The GDT translates shell*fish *as _crustacés et mollusques _and *sea*shell as _coquillage _(as so would I), however the WR dictionary translates both as _coquillage_.


----------



## unefemme1

I've always thought _fruits de mer_ would translate into "seafood" in English, but from what i gather, there seems to be a difference between the English definition of "seafood" and the French definition of "fruits de mer"...so perhaps a more correct definition of _fruits de mer_ for English speakers would be "produce of the sea excluding fish"??

More to the point, we still haven't found an equivelant or exact French version of "shellfish"...

Wait, I just found this link: http://www.beyond.fr/food/seafood.html (Natives might check it out) and it translates "shellfish" as_ cigale de mer..._maybe that would work?


----------



## RuK

cigale de mer is a specific form of shellfish, a bit like a crayfish I think. 

I think* fruits de mer* is OK for shellfish. I was confused initially - it's clear to me now that seafood is the hard one to translate, since it's shellfish plus fish.


----------



## The MightyQ

The restaurants in this area advertise "coquillage" for shellfish.


----------



## Nicomon

The MightyQ said:


> The restaurants in this area advertise "coquillage" for shellfish.


 
As specified in the WR dictionary, a « coquillage » is a "mollusc". It wouldn't include lobsters, crabs or shrimps.

The GDT defines shellfish as this:


> Définition :
> Aquatic invertebrates possessing a shell or exoskeleton, usually molluscs or crustaceans


 
For « cigale de mer » I found "Spanish lobster" or "squill fish"... that would be a "shellfish of the crustacean variety"
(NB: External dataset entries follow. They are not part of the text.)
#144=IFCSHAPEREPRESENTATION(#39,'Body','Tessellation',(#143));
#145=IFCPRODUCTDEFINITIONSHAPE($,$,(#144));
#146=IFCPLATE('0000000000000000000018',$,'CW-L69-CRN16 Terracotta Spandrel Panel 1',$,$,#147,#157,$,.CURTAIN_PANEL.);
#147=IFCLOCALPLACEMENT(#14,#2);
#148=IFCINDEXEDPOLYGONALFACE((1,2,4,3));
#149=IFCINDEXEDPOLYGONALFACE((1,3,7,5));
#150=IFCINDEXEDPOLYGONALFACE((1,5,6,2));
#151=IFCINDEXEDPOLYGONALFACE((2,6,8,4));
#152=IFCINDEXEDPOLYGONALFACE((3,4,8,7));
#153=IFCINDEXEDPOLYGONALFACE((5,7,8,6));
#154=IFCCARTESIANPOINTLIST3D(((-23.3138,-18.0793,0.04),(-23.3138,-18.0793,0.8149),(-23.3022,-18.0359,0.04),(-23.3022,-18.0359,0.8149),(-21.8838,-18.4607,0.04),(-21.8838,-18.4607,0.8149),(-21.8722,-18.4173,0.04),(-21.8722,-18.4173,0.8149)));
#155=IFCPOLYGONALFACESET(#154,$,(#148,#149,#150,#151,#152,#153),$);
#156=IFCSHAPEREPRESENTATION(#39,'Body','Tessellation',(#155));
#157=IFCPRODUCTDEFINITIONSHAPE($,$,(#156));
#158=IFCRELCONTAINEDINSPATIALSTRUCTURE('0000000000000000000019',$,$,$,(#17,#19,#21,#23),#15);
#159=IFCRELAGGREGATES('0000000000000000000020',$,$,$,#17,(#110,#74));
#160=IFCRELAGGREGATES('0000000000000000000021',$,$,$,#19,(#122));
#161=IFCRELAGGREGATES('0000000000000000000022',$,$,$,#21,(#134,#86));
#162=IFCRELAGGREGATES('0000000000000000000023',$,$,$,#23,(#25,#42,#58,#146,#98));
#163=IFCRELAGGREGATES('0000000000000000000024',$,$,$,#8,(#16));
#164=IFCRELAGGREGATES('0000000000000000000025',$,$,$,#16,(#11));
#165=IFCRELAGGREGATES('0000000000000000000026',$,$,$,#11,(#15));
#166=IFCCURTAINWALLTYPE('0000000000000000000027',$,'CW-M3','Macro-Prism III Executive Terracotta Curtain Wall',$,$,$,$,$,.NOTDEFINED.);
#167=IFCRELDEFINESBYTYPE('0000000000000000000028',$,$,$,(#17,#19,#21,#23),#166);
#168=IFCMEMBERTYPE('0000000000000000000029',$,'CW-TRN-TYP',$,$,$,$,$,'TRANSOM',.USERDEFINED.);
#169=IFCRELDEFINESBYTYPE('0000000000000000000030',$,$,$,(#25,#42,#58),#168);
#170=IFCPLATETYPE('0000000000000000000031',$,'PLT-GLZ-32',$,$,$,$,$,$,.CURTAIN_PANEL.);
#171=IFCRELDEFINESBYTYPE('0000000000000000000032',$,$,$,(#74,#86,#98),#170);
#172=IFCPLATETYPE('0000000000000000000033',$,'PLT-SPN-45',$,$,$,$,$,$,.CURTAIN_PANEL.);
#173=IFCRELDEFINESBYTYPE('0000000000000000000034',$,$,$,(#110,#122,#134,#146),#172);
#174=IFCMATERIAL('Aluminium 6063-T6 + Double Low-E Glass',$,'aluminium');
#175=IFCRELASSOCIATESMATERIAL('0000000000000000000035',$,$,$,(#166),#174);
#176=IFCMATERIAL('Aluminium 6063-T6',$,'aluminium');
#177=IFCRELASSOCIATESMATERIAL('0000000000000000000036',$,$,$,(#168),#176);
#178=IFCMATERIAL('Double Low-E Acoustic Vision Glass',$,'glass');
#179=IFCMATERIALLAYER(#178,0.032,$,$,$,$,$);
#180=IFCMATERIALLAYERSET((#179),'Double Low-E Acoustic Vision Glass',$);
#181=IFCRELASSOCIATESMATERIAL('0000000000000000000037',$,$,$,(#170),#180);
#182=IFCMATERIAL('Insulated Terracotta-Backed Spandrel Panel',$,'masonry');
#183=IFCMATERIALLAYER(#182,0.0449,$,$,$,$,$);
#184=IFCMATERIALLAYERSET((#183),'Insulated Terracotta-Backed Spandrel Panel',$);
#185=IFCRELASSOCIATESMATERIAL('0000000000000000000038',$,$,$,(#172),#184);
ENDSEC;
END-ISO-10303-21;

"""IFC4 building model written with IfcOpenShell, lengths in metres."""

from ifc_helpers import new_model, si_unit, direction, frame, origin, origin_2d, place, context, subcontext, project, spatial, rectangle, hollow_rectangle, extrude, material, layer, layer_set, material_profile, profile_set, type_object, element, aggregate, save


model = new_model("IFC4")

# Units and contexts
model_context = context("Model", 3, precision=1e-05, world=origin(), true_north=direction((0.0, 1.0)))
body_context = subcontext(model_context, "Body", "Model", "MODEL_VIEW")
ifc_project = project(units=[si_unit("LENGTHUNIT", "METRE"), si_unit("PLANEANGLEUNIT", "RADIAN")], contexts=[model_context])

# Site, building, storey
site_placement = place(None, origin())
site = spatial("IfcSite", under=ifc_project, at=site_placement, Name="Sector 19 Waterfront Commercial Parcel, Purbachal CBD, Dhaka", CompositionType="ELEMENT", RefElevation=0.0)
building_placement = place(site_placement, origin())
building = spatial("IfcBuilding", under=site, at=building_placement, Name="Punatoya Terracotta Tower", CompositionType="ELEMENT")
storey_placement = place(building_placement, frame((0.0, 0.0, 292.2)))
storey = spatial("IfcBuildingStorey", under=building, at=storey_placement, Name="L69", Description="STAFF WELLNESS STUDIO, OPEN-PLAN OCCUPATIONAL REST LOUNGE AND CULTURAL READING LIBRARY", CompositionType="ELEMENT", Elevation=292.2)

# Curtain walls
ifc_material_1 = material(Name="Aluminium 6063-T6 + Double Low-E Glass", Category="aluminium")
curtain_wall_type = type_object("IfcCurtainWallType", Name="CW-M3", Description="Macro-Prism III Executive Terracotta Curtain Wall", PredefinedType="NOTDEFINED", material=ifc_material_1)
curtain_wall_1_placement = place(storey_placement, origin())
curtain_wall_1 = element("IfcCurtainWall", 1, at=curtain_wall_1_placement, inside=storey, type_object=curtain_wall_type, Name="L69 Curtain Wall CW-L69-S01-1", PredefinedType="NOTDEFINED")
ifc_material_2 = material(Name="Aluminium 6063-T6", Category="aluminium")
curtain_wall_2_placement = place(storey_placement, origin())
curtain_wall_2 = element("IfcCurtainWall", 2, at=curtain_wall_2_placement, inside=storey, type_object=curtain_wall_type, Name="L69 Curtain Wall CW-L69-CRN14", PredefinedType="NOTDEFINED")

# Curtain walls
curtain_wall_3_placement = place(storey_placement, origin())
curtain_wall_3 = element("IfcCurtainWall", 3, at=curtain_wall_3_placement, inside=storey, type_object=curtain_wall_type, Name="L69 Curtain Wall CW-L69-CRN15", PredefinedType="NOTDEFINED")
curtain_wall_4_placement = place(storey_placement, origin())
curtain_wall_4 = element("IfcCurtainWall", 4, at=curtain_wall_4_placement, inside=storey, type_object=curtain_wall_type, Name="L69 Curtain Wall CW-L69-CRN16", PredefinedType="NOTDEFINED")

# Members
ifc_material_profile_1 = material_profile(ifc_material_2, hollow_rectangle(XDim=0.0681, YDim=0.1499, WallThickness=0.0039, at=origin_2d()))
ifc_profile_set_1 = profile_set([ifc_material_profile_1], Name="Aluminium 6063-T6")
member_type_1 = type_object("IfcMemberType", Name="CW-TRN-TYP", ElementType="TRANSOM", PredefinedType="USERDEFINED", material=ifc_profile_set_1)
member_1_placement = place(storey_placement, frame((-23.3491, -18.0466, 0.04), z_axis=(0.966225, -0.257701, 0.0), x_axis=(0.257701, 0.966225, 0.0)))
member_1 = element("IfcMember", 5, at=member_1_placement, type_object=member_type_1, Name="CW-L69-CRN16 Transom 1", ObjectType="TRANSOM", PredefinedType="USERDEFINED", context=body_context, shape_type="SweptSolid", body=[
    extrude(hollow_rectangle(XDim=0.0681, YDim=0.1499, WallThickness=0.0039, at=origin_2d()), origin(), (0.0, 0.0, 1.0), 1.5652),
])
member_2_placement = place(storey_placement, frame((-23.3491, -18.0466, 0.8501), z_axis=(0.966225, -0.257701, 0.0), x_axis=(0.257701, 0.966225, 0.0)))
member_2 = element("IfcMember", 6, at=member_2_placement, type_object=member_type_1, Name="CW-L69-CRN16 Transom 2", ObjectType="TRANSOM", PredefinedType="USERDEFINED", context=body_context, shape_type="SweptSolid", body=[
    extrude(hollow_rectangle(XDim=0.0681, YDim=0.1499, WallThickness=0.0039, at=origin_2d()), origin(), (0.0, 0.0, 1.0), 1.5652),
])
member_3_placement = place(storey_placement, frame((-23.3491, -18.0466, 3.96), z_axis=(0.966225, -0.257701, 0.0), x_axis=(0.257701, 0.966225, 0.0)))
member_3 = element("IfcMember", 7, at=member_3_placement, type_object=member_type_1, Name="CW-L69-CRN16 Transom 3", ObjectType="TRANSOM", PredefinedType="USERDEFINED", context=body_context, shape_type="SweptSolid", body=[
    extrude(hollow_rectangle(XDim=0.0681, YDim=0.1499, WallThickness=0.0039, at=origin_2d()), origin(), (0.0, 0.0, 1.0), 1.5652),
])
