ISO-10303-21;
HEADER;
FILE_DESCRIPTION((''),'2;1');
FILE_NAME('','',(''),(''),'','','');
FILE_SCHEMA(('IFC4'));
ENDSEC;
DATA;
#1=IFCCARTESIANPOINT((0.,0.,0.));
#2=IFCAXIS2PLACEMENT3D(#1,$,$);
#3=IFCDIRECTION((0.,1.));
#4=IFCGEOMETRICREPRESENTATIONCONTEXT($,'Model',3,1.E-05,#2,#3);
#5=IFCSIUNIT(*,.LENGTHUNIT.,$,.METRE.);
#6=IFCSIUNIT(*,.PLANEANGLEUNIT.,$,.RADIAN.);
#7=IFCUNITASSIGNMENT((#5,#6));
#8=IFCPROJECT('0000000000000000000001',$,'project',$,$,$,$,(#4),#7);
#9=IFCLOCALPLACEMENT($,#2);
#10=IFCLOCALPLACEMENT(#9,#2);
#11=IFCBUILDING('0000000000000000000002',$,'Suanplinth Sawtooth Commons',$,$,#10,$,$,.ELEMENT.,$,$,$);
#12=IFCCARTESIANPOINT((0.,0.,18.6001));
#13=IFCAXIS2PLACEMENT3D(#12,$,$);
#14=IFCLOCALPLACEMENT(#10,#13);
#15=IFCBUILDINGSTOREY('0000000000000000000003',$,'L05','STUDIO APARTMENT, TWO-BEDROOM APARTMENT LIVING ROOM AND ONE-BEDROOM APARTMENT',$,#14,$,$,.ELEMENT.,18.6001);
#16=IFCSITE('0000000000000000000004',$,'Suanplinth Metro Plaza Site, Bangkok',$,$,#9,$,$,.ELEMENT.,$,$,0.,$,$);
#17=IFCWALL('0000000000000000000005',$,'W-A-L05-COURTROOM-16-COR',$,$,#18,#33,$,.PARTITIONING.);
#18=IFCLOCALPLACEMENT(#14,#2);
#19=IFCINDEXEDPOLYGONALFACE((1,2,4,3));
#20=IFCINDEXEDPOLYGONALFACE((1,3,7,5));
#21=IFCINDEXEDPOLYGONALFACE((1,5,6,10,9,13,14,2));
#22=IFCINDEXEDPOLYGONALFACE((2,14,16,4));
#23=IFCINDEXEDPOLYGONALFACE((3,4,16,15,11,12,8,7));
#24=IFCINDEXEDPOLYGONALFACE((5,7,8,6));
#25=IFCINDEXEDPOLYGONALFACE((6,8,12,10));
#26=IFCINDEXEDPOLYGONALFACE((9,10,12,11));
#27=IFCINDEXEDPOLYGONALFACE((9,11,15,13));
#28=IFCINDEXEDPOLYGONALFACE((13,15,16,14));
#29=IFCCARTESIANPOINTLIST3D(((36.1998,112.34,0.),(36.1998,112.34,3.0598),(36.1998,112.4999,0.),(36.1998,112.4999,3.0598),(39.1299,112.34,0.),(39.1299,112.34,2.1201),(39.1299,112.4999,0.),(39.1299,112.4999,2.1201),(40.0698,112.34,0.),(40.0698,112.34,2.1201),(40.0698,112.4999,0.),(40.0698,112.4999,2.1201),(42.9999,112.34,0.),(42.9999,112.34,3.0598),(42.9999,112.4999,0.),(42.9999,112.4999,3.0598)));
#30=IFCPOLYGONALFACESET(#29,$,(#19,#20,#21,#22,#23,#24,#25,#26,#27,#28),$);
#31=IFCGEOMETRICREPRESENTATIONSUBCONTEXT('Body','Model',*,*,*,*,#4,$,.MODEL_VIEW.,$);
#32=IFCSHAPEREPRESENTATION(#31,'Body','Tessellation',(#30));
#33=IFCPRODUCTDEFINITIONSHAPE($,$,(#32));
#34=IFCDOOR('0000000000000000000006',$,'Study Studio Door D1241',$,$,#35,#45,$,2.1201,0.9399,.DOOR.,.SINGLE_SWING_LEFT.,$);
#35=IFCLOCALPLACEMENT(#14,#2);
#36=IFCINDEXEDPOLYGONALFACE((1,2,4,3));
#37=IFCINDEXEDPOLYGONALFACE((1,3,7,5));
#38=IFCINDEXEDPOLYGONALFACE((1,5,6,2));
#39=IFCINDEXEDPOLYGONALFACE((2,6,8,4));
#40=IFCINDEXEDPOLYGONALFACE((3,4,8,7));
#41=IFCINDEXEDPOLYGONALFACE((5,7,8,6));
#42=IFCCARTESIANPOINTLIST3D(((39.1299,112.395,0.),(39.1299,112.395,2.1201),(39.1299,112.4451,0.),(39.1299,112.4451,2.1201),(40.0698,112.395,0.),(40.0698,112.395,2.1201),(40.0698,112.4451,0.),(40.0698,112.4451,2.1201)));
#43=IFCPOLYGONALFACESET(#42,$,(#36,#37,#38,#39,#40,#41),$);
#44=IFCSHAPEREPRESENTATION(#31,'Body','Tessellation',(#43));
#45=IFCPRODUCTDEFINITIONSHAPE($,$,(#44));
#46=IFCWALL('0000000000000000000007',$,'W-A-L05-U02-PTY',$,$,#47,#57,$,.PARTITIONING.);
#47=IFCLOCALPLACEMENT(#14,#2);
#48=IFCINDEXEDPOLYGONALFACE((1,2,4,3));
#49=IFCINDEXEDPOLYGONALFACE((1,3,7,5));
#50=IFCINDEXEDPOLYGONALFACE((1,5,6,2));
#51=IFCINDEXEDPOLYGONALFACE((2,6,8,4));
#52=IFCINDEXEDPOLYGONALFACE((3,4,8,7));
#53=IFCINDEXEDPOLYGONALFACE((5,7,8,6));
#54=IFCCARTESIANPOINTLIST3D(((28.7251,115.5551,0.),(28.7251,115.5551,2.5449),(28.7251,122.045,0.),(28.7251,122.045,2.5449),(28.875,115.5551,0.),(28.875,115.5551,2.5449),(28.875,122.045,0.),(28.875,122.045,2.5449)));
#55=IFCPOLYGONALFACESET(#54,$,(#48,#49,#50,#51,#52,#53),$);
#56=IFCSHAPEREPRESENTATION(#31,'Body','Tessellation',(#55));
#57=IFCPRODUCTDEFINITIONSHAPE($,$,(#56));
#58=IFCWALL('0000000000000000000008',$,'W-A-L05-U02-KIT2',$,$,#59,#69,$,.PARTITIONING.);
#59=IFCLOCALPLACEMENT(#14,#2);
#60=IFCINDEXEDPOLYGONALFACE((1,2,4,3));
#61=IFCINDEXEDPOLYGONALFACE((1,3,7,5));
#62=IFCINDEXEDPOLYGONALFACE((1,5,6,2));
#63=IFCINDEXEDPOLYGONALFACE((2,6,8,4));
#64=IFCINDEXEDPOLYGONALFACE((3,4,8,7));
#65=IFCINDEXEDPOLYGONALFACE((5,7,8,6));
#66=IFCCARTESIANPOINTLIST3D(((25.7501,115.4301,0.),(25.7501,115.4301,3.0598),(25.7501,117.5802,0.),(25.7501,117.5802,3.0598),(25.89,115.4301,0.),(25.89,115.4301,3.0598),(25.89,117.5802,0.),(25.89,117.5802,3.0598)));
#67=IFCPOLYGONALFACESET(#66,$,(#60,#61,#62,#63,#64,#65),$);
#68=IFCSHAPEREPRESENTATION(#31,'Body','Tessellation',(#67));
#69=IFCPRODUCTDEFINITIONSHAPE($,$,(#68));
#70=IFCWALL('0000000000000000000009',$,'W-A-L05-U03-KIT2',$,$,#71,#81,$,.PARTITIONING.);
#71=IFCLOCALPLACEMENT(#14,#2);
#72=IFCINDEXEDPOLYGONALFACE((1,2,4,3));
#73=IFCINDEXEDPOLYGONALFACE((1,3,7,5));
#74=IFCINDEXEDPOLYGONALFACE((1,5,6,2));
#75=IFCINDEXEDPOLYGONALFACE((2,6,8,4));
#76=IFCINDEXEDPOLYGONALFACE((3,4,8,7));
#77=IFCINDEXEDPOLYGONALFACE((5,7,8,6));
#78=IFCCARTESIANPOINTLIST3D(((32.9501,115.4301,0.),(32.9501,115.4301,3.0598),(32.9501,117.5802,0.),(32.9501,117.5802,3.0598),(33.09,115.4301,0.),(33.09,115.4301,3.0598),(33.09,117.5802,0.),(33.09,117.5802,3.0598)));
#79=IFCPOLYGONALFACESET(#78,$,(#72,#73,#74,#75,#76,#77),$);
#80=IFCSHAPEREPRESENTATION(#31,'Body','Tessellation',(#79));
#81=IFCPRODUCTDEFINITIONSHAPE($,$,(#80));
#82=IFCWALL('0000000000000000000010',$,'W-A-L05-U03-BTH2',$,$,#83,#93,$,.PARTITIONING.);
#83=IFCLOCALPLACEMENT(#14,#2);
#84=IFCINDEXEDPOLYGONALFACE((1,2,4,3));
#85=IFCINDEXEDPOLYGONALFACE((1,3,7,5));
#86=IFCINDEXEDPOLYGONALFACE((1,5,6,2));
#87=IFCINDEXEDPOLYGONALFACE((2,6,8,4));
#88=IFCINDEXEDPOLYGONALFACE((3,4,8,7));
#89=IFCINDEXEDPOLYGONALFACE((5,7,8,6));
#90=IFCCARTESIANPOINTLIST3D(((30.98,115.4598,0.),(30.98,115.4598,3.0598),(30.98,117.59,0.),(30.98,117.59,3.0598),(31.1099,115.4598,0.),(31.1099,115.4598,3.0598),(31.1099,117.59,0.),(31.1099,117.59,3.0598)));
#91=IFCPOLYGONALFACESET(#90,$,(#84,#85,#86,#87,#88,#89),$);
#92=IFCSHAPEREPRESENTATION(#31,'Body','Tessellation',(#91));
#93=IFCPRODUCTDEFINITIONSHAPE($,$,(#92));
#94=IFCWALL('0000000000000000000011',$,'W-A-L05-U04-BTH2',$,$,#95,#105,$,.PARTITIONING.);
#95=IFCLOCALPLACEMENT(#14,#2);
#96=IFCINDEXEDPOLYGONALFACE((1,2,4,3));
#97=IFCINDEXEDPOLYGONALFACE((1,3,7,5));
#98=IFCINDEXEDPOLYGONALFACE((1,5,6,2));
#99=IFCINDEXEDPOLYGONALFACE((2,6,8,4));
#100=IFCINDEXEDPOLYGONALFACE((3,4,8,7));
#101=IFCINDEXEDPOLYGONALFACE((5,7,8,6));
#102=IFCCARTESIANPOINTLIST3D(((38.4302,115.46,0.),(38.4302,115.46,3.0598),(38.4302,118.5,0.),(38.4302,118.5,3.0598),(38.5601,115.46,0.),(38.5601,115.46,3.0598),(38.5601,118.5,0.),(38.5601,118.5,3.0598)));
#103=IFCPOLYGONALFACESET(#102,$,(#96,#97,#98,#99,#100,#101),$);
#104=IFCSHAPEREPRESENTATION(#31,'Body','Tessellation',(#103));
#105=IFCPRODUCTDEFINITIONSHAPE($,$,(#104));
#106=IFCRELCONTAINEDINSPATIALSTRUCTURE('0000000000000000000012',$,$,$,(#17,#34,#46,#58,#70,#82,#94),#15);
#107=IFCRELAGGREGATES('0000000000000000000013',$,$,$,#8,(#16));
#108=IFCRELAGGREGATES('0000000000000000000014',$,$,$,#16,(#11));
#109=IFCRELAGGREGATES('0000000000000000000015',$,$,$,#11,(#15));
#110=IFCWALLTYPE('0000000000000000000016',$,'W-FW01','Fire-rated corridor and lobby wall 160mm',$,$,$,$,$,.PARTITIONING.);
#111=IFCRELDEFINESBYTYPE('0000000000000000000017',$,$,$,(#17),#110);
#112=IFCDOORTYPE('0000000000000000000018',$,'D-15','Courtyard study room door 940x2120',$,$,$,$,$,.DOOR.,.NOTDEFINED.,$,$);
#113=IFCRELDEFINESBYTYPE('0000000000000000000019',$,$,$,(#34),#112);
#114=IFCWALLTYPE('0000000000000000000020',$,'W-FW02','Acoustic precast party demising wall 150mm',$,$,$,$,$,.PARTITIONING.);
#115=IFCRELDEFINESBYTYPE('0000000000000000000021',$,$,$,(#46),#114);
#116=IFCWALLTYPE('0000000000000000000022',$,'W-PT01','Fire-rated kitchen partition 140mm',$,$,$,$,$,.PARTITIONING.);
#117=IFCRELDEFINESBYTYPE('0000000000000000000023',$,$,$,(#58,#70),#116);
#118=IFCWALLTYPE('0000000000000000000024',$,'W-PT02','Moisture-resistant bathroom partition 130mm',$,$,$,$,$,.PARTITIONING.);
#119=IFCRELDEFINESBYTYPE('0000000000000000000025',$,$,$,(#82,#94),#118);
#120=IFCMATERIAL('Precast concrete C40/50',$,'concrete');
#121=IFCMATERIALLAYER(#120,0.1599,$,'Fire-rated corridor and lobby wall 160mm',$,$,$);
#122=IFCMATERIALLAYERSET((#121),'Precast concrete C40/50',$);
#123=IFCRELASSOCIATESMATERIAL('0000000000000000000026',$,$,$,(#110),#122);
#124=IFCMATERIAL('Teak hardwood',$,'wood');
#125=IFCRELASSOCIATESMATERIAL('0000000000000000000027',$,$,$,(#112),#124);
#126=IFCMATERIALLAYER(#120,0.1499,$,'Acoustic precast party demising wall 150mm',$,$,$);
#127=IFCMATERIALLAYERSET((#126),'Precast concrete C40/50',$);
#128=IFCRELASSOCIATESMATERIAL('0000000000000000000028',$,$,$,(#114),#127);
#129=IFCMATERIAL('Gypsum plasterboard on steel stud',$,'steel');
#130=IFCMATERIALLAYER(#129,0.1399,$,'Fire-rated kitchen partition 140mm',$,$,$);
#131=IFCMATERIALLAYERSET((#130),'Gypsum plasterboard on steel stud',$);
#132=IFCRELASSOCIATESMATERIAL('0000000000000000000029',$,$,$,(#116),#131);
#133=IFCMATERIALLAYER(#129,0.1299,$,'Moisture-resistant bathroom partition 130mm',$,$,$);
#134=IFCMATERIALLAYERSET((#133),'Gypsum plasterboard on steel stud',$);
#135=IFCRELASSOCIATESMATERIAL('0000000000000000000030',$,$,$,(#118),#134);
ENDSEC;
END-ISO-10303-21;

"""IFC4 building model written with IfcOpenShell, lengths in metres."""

from ifc_helpers import new_model, si_unit, direction, frame, frame_2d, origin, place, context, subcontext, project, spatial, rectangle, extrude, material, layer, layer_set, type_object, element, fill, save


model = new_model("IFC4")

# Units and contexts
model_context = context("Model", 3, precision=1e-05, world=origin(), true_north=direction((0.0, 1.0)))
body_context = subcontext(model_context, "Body", "Model", "MODEL_VIEW")
ifc_project = project(units=[si_unit("LENGTHUNIT", "METRE"), si_unit("PLANEANGLEUNIT", "RADIAN")], contexts=[model_context])

# Site, building, storey
site_placement = place(None, origin())
site = spatial("IfcSite", under=ifc_project, at=site_placement, Name="Suanplinth Metro Plaza Site, Bangkok", CompositionType="ELEMENT", RefElevation=0.0)
building_placement = place(site_placement, origin())
building = spatial("IfcBuilding", under=site, at=building_placement, Name="Suanplinth Sawtooth Commons", CompositionType="ELEMENT")
storey_placement = place(building_placement, frame((0.0, 0.0, 18.6001)))
storey = spatial("IfcBuildingStorey", under=building, at=storey_placement, Name="L05", Description="STUDIO APARTMENT, TWO-BEDROOM APARTMENT LIVING ROOM AND ONE-BEDROOM APARTMENT", CompositionType="ELEMENT", Elevation=18.6001)

# Shared definitions
ifc_material_1 = material(Name="Precast concrete C40/50", Category="concrete")

# Wall, opening, door
ifc_layer_1 = layer(ifc_material_1, 0.1599, Name="Fire-rated corridor and lobby wall 160mm")
ifc_layer_set_1 = layer_set([ifc_layer_1], Name="Precast concrete C40/50")
wall_type_1 = type_object("IfcWallType", Name="W-FW01", Description="Fire-rated corridor and lobby wall 160mm", PredefinedType="PARTITIONING", material=ifc_layer_set_1)
ifc_material_2 = material(Name="Teak hardwood", Category="wood")
door_type_1 = type_object("IfcDoorType", Name="D-15", Description="Courtyard study room door 940x2120", OperationType="NOTDEFINED", PredefinedType="DOOR", material=ifc_material_2)
wall_1_placement = place(storey_placement, frame((36.2, 112.4199, 0.0), z_axis=(0.0, 0.0, 1.0), x_axis=(1.0, 0.0, 0.0)))
wall_1 = element("IfcWall", 1, at=wall_1_placement, inside=storey, type_object=wall_type_1, Name="W-A-L05-COURTROOM-16-COR", PredefinedType="PARTITIONING", context=body_context, shape_type="SweptSolid", body=[
    extrude(rectangle(XDim=6.8, YDim=0.1599, at=frame_2d((3.3999, 0.0))), origin(), (0.0, 0.0, 1.0), 3.0598),
])
opening_1_placement = place(wall_1_placement, frame((2.9299, 0.0, 0.0)))
opening_1 = element("IfcOpeningElement", 2, at=opening_1_placement, cuts=wall_1, PredefinedType="OPENING", context=body_context, shape_type="SweptSolid", body=[
    extrude(rectangle(XDim=0.9399, YDim=2.1201, at=frame_2d((0.47, 1.0601))), frame((0.0, 0.0947, 0.0), z_axis=(0.0, -1.0, 0.0), x_axis=(1.0, 0.0, 0.0)), (0.0, 0.0, 1.0), 0.1897),
])
door_1_placement = place(opening_1_placement, frame((0.9399, 0.0, 0.0), z_axis=(0.0, 0.0, 1.0), x_axis=(-1.0, 0.0, 0.0)))
door_1 = element("IfcDoor", 3, at=door_1_placement, inside=storey, type_object=door_type_1, Name="Study Studio Door D1241", OperationType="SINGLE_SWING_LEFT", OverallHeight=2.1201, OverallWidth=0.9399, PredefinedType="DOOR", context=body_context, shape_type="SweptSolid", body=[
I believe that it goes like this:
seafood = fish + shellfish = _poissons et fruits de mer_
shellfish = molluscs and crusteceans = _mollusques et crustacés _

shell = carapace ou coquille
Les mollusques (coquillages) ont une coquille = e.g. clams, mussels, oysters, snails (escargots)
Les crustacés ont une carapace = e.g. lobster, crab, shrimp

And "seashells" are the « coquillages » that are found on the beach... you don't eat those

Have I got this right??


----------



## giannid

For me, seafood does not include fish, but does include things like squid, and pretty much everything but fish.  Doesn't The 
Bible tell us not to eat seafood, but that fish is okay?


----------



## la reine victoria

I have enjoyed sharing many an "assiette de fruits de mer" in France.  Strictly shellfish.  The fun is in using all the tools provided to crack things open and extract the flesh.  

LRV


----------



## Nicomon

giannid said:


> For me, seafood does not include fish, but does include things like squid, and pretty much everything but fish. Doesn't The
> Bible tell us not to eat seafood, but that fish is okay?


 
I wouldn't know about the Bible, but I guess you're right that seafood does not necessarily include fish. Same as _fruits de mer_ in French. In which case the GDT would be misleading. Because after all, fish can also be found in lakes and rivers.  

I googled "fish and seafood"


----------



## giannid

Actually, I just looked at an online Bible, and it talked about scales and fins being okay to eat, and everything else that moves in the sea as not safe to eat.  It didn't mention fish and seafood by name, at least not in this translation (KJV).  However because of this scripture, I think there has to be a word to describe finned and scaled creatures in the sea (fish), and everything else (seafood).

_These shall ye eat of all that are in the waters: whatsoever hath fins and scales in the waters, in the seas, and in the rivers, them shall ye eat.

And all that have not fins and scales in the seas, and in the rivers, of all that move in the waters, and of any living thing which is in the waters, they shall be an abomination unto you._


----------



## Nicomon

giannid said:


> However because of this scripture, I think there has to be a word to describe *finned and scaled creatures in the sea* (fish), and everything else (seafood).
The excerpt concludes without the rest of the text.